Starting a new Python project doesn't have to be a challenge because the basic needs are always the same even for different types of projects. This article presents how to create a perfect initial base that can be used for any Python project.

Definition of the Perfect Initial Base

The foundation of a perfect Python project should:

  1. Have a suitable file and directory structure to organize the entire project, separating application code, testing, documentation, and project configuration.
  2. Use virtual environments to develop the project in isolation, with no outside interference.
  3. Use linting tools for static code analysis to identify defects, formatting, optimization, security issues, etc. at an early stage of development
  4. Use automated tests with reports on test coverage.
  5. Use continuous integration to check code quality as it arrives on the server.
  6. Use a properly adjusted version control to ignore files that should not be versioned.

Except for the file and directory structure which is unique, all other items depend on choices. And there are many options. Virtual environment management, for example, can be done with venv, pipenv, poetry or conda. There are dozens of linting tools such as flake8, pylint, mypy, etc., that are equivalent or complementary. In the end, the choices that form one or another combination depend on technical and personal decisions.

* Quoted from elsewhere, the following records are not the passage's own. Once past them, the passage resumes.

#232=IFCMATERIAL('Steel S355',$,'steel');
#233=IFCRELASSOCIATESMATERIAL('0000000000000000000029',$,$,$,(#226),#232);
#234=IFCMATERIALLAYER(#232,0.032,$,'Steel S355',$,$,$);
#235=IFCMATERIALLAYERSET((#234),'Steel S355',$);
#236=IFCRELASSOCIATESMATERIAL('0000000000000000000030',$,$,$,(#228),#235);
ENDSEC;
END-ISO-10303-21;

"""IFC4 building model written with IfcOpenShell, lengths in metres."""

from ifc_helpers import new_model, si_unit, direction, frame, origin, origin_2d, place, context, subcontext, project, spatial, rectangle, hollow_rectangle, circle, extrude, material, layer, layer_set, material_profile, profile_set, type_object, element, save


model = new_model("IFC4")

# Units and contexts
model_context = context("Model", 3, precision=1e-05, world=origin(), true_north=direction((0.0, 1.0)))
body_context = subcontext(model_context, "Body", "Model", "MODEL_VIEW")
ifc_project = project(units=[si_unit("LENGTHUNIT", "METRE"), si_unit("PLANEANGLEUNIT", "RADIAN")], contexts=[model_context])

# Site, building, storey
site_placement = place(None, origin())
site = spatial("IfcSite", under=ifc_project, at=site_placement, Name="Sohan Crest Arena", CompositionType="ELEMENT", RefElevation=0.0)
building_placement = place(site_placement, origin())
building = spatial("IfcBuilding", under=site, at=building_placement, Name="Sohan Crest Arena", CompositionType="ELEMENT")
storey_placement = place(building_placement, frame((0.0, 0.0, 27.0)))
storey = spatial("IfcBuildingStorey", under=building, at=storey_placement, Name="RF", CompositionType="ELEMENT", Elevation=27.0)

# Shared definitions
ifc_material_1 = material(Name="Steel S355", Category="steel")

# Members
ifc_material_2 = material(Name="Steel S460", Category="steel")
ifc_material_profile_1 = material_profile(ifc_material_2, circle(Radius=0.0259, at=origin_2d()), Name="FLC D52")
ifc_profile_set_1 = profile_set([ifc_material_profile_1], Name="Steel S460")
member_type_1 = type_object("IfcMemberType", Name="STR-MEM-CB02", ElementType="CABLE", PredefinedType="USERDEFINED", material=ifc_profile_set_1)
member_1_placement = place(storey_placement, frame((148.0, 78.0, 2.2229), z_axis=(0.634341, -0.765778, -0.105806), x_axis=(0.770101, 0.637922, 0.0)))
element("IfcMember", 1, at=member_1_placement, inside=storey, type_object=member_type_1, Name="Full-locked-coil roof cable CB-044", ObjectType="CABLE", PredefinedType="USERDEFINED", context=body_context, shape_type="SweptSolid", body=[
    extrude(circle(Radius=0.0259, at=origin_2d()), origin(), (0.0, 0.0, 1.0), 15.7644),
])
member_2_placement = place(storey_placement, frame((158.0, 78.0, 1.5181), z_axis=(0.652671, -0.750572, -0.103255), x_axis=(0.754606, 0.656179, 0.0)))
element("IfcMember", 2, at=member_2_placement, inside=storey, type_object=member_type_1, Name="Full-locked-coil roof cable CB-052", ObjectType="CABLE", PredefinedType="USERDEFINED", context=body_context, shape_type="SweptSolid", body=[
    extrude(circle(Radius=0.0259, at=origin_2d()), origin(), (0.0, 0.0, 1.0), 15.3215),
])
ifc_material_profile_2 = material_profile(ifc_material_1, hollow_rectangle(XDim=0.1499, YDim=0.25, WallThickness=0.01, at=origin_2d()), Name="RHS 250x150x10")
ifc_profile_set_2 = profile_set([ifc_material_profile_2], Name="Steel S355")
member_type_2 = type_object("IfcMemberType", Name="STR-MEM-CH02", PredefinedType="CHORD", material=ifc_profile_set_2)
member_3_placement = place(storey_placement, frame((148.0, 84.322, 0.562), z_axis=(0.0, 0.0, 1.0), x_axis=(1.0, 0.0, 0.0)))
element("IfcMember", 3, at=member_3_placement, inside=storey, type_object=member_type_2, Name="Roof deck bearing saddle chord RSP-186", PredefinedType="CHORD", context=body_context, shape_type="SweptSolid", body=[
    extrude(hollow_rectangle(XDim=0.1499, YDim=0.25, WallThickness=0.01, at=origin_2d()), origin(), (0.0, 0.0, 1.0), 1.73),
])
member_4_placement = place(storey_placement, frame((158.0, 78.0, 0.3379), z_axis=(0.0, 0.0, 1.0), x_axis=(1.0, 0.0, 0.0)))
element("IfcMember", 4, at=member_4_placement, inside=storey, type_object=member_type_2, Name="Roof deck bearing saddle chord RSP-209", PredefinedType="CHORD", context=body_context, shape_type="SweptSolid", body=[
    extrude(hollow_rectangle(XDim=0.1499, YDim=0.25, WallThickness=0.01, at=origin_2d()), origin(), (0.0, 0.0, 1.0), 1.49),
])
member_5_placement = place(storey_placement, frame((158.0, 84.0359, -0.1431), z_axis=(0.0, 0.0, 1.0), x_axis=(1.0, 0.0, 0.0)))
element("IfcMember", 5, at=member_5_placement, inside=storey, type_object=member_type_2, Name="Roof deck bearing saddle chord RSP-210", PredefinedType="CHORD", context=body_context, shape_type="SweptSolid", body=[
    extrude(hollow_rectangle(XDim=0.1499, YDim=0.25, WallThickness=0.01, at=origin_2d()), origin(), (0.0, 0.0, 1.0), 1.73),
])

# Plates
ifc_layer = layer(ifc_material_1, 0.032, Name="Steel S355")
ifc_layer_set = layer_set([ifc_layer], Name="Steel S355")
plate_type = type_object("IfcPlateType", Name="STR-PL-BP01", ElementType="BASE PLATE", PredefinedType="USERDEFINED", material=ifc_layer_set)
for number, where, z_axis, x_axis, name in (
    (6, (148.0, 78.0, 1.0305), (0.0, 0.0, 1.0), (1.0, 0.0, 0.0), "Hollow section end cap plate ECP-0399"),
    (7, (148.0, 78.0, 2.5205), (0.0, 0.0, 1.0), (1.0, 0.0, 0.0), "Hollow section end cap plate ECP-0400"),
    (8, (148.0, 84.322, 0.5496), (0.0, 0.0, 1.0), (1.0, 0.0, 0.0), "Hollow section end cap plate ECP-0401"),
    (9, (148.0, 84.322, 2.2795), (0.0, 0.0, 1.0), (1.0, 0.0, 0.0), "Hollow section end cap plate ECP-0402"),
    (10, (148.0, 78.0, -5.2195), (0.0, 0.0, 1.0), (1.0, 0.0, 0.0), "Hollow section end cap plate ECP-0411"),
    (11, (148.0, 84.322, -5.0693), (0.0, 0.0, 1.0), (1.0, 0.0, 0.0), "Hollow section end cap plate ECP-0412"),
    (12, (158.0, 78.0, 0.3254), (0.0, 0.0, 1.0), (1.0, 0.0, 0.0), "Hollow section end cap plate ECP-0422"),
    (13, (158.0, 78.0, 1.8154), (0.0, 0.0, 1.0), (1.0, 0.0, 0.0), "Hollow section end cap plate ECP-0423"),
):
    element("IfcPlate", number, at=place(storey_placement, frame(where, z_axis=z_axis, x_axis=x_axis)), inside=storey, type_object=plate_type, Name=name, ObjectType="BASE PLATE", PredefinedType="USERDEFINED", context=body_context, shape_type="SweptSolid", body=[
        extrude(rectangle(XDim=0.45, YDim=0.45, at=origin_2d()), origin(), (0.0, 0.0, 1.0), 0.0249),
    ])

Virtual Environment Management

The management of Python versions, virtual environments and dependencies will be done through the combination of pyenv + poetry (read the previous article).

Initial Directory Structure

To create the initial structure of your project, use poetry new <project_name>:

$ poetry new project_x

The previous command creates the following directory structure:

├── project_x
│   └──
├── pyproject.toml
├── README.rst
└── tests

This is an excellent minimum file and directory structure. It separates the project-specific code in the project_x subdirectory of the code only related to tests in the tests directory, and the project's configuration and documentation files (pyproject.toml and README.rst). However, some adjustments are needed:

  1. README.rst comes empty, and you need to complete it. Creating this type of file is beyond the scope of this article, but you can find good tips and more information in 1 and 2.
  2. Edit pyproject.toml and change the settings created automatically for name, version, description, and authors.
  3. Check the Python version specified in section [tool.poetry.dependencies] in pyproject.toml. poetry new uses the environment version, but you can install and specify other Python versions via pyenv.

Linting and Testing Tools

The recommended minimum set of testing tools is:

  • pytest: testing tool for Python
  • pytest-cov: pytest plugin to measure code coverage

For linting, I recommend using:

  • blue: code formatter based on black
  • flake8: Python static code analysis tool
  • flake8-debugger: flake8 plugin to check for forgotten debug commands
  • flake8-pytest-style: flake8 plugin to check common style issues or inconsistencies with pytest-based tests.
  • isort: tool to sort Python imports.
  • mypy: static type analysis tool.
  • pep8-naming: flake8 plugin that checks against PEP-8 naming conventions.
  • pyupgrade: tool to automatically upgrade syntax for newer versions of the Python language.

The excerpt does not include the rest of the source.